8 Managing Duplicate Column Names
Let us think that mistakenly we have put the same column name twice as shown in figure 8. The name Quantity has set for two columns. After executing the code, it can be observed that from figure 9Python has automatically detected this and by default, it will manage the column names as Quantity, Quantity 1.
Likewise, if Python detects there are 3 columns using the name as Quantity, it will automatically handle this by renaming the columns as Quantity, Quantity 1, and Quantity 2 as shown in figure 21
- This can be also handled by passing a parameter as well as shown in figure 10, by setting the, mangle_dupe_col= True.
- Even if the parameter is not set to True, duplicate columns will be handled by Python by default. If the parameter is set to False, error message will be pop up saying that its not supported by Python.
9 Converting Column to Dates
- In order to convert strings to date data type, parse_date parameter can be used. Lets assume that the year column should be converted to dates. The column name which is needed to be converted should be typed inside the square bracket as shown below.
- parse_date = [‘Year’]
- Execute the code. It can be seen that the Python has taken 01-01 as the default values for the month and the date. In order to verify if this is converted to date data type, lets display the data types of each column.

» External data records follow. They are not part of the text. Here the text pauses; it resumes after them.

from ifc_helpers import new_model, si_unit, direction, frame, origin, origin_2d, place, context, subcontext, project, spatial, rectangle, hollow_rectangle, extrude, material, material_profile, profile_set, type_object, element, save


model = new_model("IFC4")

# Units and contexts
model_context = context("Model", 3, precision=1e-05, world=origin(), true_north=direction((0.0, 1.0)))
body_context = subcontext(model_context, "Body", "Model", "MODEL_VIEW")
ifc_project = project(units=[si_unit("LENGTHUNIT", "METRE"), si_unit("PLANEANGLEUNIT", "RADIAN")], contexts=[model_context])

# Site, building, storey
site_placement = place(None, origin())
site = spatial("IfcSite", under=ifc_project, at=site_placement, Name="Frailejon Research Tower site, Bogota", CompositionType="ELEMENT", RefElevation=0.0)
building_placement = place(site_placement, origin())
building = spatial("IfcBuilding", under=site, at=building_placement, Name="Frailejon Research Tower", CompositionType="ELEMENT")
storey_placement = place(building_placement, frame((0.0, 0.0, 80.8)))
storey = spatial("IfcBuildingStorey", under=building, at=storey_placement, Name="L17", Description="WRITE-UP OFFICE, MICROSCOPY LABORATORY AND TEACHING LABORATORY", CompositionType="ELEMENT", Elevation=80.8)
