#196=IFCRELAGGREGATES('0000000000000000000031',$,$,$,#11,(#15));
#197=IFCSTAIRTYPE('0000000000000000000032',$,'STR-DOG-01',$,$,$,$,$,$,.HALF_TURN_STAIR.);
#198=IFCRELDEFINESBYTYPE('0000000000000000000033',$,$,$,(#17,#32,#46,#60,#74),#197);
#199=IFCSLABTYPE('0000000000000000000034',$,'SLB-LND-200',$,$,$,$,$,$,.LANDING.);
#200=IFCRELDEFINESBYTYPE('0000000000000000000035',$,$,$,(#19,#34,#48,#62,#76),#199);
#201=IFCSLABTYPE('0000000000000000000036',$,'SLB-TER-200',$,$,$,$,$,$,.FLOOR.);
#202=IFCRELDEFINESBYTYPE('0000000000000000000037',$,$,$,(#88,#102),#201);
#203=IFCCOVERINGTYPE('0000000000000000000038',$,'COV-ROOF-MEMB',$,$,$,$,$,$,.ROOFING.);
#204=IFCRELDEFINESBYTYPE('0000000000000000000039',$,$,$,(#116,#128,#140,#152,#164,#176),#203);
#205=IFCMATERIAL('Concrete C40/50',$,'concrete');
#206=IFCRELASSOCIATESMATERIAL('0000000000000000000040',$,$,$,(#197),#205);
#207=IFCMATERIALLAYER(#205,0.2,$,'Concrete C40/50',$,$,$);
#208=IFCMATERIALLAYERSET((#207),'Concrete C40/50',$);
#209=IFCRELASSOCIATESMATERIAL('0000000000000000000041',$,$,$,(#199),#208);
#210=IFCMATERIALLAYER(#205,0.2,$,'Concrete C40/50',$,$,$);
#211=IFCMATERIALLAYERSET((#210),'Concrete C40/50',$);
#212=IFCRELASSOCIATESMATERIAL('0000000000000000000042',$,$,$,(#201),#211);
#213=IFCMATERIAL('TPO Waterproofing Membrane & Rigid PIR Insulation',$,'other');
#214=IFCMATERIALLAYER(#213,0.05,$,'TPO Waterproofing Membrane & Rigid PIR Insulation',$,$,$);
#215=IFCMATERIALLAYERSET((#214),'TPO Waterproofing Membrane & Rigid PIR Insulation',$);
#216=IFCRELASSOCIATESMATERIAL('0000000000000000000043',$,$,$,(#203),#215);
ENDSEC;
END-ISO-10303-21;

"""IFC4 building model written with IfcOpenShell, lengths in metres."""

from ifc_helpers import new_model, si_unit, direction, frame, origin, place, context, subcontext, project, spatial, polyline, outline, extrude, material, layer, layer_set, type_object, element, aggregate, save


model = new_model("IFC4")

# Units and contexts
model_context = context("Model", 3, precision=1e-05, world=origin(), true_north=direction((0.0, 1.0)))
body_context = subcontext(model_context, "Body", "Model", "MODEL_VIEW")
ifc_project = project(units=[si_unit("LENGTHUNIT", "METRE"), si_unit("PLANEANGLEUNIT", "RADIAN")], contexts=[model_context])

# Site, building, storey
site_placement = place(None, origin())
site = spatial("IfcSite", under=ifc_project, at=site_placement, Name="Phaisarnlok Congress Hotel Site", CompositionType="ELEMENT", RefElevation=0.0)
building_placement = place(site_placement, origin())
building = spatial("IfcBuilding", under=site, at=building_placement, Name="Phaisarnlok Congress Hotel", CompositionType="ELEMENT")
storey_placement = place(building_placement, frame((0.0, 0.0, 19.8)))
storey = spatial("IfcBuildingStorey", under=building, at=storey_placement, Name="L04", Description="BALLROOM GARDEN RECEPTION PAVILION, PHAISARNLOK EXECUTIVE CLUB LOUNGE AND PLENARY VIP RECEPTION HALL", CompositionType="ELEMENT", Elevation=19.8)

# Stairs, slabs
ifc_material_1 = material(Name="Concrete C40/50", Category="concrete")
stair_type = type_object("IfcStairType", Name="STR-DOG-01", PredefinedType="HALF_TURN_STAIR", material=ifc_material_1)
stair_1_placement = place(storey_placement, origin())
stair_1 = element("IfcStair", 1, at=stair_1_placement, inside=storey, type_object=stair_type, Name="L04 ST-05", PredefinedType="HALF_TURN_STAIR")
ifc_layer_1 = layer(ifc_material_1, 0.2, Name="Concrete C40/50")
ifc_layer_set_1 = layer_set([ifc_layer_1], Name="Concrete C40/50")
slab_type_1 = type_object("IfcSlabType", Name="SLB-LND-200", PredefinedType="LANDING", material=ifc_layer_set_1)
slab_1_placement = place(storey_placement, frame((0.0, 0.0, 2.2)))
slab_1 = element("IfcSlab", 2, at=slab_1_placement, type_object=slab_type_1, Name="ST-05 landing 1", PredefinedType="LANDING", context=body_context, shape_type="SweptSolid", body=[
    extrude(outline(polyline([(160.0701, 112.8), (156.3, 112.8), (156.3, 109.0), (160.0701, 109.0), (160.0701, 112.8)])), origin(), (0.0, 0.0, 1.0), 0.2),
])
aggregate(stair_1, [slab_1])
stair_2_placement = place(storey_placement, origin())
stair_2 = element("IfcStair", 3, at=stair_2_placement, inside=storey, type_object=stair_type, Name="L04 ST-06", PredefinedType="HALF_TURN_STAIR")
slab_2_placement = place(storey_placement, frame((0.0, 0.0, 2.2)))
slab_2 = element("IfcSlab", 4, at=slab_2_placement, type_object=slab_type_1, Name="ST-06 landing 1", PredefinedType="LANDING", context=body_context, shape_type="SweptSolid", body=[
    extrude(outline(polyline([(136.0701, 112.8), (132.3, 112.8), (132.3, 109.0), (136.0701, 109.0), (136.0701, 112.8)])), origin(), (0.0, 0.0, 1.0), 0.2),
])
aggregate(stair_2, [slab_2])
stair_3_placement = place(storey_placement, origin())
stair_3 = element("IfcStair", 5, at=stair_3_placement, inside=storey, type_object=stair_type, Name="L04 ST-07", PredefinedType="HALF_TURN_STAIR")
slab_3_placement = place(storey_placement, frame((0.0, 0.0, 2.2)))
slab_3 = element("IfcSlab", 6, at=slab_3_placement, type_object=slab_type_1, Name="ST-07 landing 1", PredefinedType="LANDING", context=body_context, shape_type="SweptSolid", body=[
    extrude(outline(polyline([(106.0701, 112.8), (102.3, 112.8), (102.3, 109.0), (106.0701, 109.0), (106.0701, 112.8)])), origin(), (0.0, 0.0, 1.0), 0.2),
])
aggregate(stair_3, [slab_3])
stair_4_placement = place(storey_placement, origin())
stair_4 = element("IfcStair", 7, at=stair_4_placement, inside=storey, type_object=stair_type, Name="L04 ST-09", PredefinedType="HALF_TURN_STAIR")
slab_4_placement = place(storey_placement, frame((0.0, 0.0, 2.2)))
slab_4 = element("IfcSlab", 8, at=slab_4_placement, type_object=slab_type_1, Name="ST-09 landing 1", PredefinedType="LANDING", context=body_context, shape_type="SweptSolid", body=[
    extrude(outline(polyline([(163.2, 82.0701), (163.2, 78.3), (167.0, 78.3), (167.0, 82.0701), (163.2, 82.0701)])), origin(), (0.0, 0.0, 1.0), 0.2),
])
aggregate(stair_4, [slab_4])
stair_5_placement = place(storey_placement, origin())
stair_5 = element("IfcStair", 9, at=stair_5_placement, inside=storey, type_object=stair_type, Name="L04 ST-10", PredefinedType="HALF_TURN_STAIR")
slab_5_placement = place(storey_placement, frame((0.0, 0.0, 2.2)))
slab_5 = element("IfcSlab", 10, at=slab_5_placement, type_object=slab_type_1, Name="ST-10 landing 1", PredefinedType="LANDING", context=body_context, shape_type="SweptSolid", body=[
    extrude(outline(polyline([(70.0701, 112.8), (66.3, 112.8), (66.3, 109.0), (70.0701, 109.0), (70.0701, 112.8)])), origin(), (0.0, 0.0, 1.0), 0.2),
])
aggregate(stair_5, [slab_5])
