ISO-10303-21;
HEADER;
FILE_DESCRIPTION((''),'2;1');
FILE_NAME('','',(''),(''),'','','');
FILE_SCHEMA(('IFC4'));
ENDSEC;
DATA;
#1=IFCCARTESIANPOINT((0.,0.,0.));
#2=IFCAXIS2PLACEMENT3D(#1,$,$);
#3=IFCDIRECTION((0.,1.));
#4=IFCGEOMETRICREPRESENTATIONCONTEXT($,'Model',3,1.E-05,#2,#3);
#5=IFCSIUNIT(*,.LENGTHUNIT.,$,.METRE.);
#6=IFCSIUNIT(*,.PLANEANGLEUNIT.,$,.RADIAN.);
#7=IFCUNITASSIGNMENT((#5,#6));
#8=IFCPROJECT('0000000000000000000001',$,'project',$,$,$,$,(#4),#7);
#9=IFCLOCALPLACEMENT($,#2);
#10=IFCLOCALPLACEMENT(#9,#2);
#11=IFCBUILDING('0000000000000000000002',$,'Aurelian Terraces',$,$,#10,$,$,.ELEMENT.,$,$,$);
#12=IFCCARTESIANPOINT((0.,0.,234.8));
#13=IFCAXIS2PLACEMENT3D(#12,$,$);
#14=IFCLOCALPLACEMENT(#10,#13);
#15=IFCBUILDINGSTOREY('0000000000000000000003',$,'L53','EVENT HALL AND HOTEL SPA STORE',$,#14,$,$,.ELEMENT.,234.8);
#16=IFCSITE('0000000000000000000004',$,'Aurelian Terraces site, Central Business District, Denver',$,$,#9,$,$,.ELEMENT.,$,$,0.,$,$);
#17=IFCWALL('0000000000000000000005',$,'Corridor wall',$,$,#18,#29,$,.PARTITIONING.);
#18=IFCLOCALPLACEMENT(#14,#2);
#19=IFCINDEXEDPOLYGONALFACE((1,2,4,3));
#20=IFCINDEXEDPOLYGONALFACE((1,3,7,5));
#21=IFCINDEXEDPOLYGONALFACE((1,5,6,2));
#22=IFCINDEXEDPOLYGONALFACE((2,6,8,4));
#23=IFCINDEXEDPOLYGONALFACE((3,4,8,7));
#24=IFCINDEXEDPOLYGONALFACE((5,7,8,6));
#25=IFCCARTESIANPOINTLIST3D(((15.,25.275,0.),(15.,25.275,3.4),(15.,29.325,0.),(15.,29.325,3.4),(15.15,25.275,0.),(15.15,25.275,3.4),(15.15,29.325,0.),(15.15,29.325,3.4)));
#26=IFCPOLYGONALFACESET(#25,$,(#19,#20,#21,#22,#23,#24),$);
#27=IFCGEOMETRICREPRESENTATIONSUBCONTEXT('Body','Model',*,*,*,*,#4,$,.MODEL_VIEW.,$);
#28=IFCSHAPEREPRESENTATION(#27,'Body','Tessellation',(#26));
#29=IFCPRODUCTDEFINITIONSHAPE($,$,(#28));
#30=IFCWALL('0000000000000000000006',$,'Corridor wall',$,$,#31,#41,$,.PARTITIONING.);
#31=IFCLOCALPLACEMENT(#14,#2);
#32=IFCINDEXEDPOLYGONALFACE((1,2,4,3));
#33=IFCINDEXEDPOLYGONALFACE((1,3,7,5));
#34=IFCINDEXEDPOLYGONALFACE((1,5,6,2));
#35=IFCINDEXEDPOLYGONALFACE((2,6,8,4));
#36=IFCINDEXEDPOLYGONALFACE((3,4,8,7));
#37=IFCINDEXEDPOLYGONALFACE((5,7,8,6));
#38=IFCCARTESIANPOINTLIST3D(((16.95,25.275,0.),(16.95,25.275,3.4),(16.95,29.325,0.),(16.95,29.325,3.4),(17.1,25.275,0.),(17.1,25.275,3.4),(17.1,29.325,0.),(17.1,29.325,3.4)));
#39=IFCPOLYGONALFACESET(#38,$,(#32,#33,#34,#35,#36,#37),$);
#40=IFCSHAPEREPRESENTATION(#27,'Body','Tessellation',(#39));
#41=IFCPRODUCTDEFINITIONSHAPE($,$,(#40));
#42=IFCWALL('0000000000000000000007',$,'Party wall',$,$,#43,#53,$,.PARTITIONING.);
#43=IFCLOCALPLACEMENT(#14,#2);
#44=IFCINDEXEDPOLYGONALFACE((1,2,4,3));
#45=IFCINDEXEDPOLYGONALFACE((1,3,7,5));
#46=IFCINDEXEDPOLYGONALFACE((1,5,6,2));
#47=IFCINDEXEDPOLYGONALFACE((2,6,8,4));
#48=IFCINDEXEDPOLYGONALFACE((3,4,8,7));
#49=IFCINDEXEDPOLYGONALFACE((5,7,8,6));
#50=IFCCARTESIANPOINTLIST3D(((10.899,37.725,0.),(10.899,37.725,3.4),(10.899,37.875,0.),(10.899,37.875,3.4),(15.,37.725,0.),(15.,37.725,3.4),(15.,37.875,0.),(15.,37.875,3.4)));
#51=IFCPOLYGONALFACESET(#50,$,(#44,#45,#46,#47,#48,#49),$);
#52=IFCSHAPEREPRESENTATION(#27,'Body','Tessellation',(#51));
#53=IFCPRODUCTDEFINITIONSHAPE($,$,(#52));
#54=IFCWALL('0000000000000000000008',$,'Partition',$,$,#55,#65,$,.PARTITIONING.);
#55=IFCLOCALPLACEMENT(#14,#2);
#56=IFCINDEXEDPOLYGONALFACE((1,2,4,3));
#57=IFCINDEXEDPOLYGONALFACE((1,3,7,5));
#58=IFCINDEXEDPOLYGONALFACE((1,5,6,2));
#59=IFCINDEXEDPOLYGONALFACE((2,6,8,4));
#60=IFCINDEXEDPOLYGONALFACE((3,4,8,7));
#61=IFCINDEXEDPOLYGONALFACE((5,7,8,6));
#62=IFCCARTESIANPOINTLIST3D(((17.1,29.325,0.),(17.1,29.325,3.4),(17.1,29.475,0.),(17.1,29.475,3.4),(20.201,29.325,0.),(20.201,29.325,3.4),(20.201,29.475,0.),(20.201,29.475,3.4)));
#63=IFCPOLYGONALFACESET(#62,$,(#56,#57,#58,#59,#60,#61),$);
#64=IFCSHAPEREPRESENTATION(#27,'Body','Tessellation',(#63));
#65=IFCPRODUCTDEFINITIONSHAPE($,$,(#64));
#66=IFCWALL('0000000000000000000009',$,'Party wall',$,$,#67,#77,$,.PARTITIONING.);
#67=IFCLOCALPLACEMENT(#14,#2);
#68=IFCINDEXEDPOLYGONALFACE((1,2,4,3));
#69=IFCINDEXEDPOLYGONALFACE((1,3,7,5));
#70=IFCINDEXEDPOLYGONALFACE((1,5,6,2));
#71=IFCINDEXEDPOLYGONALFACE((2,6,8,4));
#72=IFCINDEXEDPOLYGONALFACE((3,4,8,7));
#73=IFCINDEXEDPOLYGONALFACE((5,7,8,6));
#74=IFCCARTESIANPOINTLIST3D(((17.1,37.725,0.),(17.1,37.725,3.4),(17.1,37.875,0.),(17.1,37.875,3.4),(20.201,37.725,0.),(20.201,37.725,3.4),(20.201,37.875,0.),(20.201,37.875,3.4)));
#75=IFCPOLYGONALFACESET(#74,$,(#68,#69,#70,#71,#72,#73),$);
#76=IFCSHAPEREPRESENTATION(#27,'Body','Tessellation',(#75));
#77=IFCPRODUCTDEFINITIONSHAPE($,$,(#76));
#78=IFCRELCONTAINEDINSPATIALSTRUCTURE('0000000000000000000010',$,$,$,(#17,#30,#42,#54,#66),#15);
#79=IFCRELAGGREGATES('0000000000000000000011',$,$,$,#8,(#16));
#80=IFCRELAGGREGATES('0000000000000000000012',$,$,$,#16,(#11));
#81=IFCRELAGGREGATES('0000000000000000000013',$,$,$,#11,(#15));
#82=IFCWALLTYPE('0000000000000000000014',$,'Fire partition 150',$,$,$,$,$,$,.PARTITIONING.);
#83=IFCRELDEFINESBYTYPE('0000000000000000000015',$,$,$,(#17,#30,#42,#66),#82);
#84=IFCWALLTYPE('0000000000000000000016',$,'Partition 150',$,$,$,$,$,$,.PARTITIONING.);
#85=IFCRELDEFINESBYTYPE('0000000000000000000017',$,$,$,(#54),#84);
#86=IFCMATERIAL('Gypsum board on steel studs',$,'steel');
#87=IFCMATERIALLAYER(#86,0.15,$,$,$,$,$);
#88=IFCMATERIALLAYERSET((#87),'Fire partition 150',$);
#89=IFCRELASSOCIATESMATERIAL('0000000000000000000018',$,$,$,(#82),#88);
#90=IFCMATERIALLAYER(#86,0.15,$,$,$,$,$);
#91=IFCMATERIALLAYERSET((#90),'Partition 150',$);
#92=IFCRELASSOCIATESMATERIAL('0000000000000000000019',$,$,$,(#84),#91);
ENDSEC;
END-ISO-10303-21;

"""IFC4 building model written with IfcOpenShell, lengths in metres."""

from ifc_helpers import new_model, si_unit, direction, frame, frame_2d, origin, place, context, subcontext, project, spatial, rectangle, extrude, source, transform, mapped, material, layer, layer_set, type_object, element, save


model = new_model("IFC4")

# Units and contexts
model_context = context("Model", 3, precision=1e-05, world=origin(), true_north=direction((0.0, 1.0)))
body_context = subcontext(model_context, "Body", "Model", "MODEL_VIEW")
ifc_project = project(units=[si_unit("LENGTHUNIT", "METRE"), si_unit("PLANEANGLEUNIT", "RADIAN")], contexts=[model_context])

# Site, building, storey
site_placement = place(None, origin())
site = spatial("IfcSite", under=ifc_project, at=site_placement, Name="Aurelian Terraces site, Central Business District, Denver", CompositionType="ELEMENT", RefElevation=0.0)
building_placement = place(site_placement, origin())
building = spatial("IfcBuilding", under=site, at=building_placement, Name="Aurelian Terraces", CompositionType="ELEMENT")
storey_placement = place(building_placement, frame((0.0, 0.0, 234.8)))
storey = spatial("IfcBuildingStorey", under=building, at=storey_placement, Name="L53", Description="EVENT HALL AND HOTEL SPA STORE", CompositionType="ELEMENT", Elevation=234.8)

# Shared definitions
ifc_material_1 = material(Name="Gypsum board on steel studs", Category="steel")
ifc_layer_1 = layer(ifc_material_1, 0.15)
ifc_layer_set_1 = layer_set([ifc_layer_1], Name="Fire partition 150")
wall_type_1 = type_object("IfcWallType", Name="Fire partition 150", PredefinedType="PARTITIONING", material=ifc_layer_set_1)
ifc_layer_2 = layer(ifc_material_1, 0.15)
ifc_layer_set_2 = layer_set([ifc_layer_2], Name="Partition 150")
wall_type_2 = type_object("IfcWallType", Name="Partition 150", PredefinedType="PARTITIONING", material=ifc_layer_set_2)

# Walls
shared_shape_1 = source(origin(), body_context, "Body", "SweptSolid", [
    extrude(rectangle(XDim=4.05, YDim=0.15, at=frame_2d((2.025, 0.0))), origin(), (0.0, 0.0, 1.0), 3.4),
])
for number, where, z_axis, x_axis, name in (
    (1, (15.075, 25.275, 0.0), (0.0, 0.0, 1.0), (0.0, 1.0, 0.0), "Corridor wall"),
    (2, (17.025, 29.325, 0.0), (0.0, 0.0, 1.0), (0.0, -1.0, 0.0), "Corridor wall"),
):
    element("IfcWall", number, at=place(storey_placement, frame(where, z_axis=z_axis, x_axis=x_axis)), inside=storey, type_object=wall_type_1, Name=name, PredefinedType="PARTITIONING", context=body_context, shape_type="MappedRepresentation", body=[
        mapped(shared_shape_1, transform((0.0, 0.0, 0.0), scale=1.0)),
    ])
shared_shape_2 = source(origin(), body_context, "Body", "SweptSolid", [
    extrude(rectangle(XDim=4.101, YDim=0.15, at=frame_2d((2.0505, 0.0))), origin(), (0.0, 0.0, 1.0), 3.4),
])
wall_1_placement = place(storey_placement, frame((15.0, 37.8, 0.0), z_axis=(0.0, 0.0, 1.0), x_axis=(-1.0, 0.0, 0.0)))
element("IfcWall", 3, at=wall_1_placement, inside=storey, type_object=wall_type_1, Name="Party wall", PredefinedType="PARTITIONING", context=body_context, shape_type="MappedRepresentation", body=[
    mapped(shared_shape_2, transform((0.0, 0.0, 0.0), scale=1.0)),
])
shared_shape_3 = source(origin(), body_context, "Body", "SweptSolid", [
    extrude(rectangle(XDim=3.101, YDim=0.15, at=frame_2d((1.5505, 0.0))), origin(), (0.0, 0.0, 1.0), 3.4),
])
wall_2_placement = place(storey_placement, frame((20.201, 29.4, 0.0), z_axis=(0.0, 0.0, 1.0), x_axis=(-1.0, 0.0, 0.0)))
element("IfcWall", 4, at=wall_2_placement, inside=storey, type_object=wall_type_2, Name="Partition", PredefinedType="PARTITIONING", context=body_context, shape_type="MappedRepresentation", body=[
    mapped(shared_shape_3, transform((0.0, 0.0, 0.0), scale=1.0)),
])
wall_3_placement = place(storey_placement, frame((20.201, 37.8, 0.0), z_axis=(0.0, 0.0, 1.0), x_axis=(-1.0, 0.0, 0.0)))
element("IfcWall", 5, at=wall_3_placement, inside=storey, type_object=wall_type_1, Name="Party wall", PredefinedType="PARTITIONING", context=body_context, shape_type="MappedRepresentation", body=[
    mapped(shared_shape_3, transform((0.0, 0.0, 0.0), scale=1.0)),
])

save(model, "model.ifc")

10 Displaying Data Types of Columns
The data type object dtypes can be used to display the data type of each column. This can be done by executing the code: car_sales.dtypes
Figure 23 shows the output. It can be observed that, before converting to date data type, the data type of the Year column is a string. But after converting, it has become datetime64[ns] data type. The output also shows the data types of the other columns.